The reason the Win32 API is so important to Microsoft’s Windows monopoly is dependence: if your company relies on Win32 software, then it also relies on Windows. And conversely, as a developer, writing against the Win32 APIs allows your software to run on over 90 percent of the computers in the world. That’s the cycle that built a $50 billion pile of cash — customers use Windows because that’s where the software is, and developers write Windows software because that’s where the customers are.
Switching to, say, Mac OS X is an expensive proposition for a large corporation. Not only do you need all-new hardware, but you also need all-new software. And we’re not just talking about buying new licenses — for large corporations, we’re also talking about custom apps written in-house (what do you think all those Visual Basic developers have been writing all these years?).
Switching to open source desktops — KDE or Gnome or what have you — is also expensive. No, you don’t need new hardware, but you still run into the same situation with regard to software. (Yes, I know — you can run Win32 apps on Linux using the WINE Win32 emulator, or with Virtual PC for Macs, but these are second-class Win32 environments. I’m not saying it can’t be done, just that it’s unappealing.)
Switching to web applications, however — well, that’s different. It can be done gradually, because you can switch one app at a time while still running Windows, and thus, still running all your other Win32 software.
It’s not so much that switching to web apps is cheap, as that it’s easy. In fact, in many ways, switching your employees to web apps is even easier than upgrading the Win32 apps they’re already using. I.e. it’s easier for corporations to migrate to web apps than it is for them to stay Windows-only.
Web apps are easier to deploy. No need to install software on each client machine; there’s just one instance of the app, on a web server. Every user gets the latest version of the software, automatically.
Custom web apps are easier to develop than custom desktop apps. That’s not to say it’s easy to make a web app that looks and feels like a desktop app — that’s not really even possible. But it’s easy to write a web app that looks and feels like a web page, which is apparently good enough for most purposes, especially data-entry and data-retrieval apps that tie into server-hosted SQL databases.
And if you think the 90-percent market share of computers that can run Win32 software is huge — how many computers do you think run a typical web app?
Most email web apps (e.g. Gmail and Yahoo Mail) run on any computer with IE, Safari, or any Mozilla-derived browser. Most weblog web apps (e.g. Blogger, Movable Type, WordPress, and Textpattern) run in every browser I’ve ever tried. These apps are effectively usable from any Internet-connected computer in the world.

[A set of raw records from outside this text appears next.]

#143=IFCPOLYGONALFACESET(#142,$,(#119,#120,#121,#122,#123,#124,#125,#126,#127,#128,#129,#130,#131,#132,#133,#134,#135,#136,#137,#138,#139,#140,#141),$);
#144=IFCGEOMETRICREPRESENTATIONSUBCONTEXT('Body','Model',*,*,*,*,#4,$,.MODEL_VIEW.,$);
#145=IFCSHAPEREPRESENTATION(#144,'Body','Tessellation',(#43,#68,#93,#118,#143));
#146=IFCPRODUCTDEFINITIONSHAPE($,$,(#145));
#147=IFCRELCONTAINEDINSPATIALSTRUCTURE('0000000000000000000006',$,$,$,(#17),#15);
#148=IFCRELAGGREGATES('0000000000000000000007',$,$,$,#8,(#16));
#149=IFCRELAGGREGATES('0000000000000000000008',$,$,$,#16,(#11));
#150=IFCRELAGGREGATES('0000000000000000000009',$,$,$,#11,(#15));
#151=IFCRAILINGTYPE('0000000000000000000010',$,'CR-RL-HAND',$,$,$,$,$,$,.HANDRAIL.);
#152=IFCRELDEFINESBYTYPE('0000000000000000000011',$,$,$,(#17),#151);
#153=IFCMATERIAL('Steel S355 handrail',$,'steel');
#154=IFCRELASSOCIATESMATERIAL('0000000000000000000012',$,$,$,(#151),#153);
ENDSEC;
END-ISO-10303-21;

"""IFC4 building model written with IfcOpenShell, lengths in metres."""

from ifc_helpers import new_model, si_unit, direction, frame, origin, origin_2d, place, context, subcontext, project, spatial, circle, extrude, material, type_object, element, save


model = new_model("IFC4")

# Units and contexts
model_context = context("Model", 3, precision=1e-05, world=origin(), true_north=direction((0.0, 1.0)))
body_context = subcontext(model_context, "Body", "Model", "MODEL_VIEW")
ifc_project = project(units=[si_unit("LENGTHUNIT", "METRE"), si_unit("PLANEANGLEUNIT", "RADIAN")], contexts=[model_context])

I’ve been thinking about the rise of the web as an application platform for a while. But what hadn’t occurred to me until I read Spolsky’s essay last week is this, which I think is quite remarkable: Microsoft totally fucked up when they took aim at Netscape. It wasn’t Netscape that was a threat to Windows as an application platform, it was the web itself.
They spent all that time, money, and development effort on IE, building a browser monopoly and crushing Netscape — but to what avail? Here we are, and the web is still gaining developer mindshare at the expense of Win32.

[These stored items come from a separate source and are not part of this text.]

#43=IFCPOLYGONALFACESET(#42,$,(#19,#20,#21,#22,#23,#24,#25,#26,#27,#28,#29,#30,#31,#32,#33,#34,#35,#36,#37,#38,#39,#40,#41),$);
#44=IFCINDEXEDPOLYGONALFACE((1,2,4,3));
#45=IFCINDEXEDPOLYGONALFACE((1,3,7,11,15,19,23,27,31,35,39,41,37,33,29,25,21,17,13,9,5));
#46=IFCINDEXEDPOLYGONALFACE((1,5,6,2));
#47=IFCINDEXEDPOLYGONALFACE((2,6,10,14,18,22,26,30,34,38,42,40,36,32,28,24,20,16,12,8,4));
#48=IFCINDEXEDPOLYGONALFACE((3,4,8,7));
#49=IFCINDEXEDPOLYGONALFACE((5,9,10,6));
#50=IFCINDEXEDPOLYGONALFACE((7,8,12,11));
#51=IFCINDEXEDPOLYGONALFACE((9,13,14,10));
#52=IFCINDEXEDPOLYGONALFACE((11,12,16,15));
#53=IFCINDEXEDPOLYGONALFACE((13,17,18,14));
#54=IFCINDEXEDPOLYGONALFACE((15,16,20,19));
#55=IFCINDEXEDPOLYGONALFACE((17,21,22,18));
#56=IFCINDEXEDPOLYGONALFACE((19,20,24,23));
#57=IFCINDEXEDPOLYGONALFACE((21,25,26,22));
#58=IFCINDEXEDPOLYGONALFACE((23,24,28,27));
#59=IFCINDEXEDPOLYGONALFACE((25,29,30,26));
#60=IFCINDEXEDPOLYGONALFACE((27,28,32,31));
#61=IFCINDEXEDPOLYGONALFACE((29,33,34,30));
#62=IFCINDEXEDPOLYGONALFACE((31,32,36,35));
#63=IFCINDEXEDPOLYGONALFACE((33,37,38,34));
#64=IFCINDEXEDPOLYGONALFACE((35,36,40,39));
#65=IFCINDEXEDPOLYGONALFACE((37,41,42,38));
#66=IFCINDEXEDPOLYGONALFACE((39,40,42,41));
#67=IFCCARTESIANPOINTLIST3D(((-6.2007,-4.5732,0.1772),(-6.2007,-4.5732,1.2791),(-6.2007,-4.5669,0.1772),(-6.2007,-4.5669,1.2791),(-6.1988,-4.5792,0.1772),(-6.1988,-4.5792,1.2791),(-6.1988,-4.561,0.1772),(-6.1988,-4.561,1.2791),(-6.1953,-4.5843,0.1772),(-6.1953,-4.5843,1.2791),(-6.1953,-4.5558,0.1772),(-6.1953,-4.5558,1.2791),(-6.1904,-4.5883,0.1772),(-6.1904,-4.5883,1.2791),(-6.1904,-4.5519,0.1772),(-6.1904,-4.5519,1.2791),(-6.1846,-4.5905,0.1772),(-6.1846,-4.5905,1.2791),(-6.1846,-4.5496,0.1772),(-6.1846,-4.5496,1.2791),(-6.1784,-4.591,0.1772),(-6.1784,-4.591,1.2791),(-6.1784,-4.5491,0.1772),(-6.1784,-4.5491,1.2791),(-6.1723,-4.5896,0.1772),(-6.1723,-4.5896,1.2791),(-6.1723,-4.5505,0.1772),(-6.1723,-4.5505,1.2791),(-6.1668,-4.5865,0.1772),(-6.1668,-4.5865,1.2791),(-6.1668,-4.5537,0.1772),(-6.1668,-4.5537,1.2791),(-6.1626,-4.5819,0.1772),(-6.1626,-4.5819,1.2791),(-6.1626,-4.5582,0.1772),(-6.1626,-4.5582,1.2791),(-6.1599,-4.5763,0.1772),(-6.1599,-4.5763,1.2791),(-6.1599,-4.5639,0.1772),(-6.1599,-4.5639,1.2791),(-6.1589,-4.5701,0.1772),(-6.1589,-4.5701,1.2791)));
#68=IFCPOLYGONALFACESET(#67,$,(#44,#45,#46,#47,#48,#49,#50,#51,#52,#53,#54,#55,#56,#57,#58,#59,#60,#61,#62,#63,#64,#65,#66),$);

There are certainly exceptions — banking sites come to mind — but for the most part, web apps are being built to run in any modern browser, not just IE.
I think Spolsky is very much correct that Microsoft is losing the API war. But what’s ironic is that they’re losing this war despite the fact that they won the browser war. Winning the browser war — destroying Netscape — was supposed to prevent there ever even being an API war.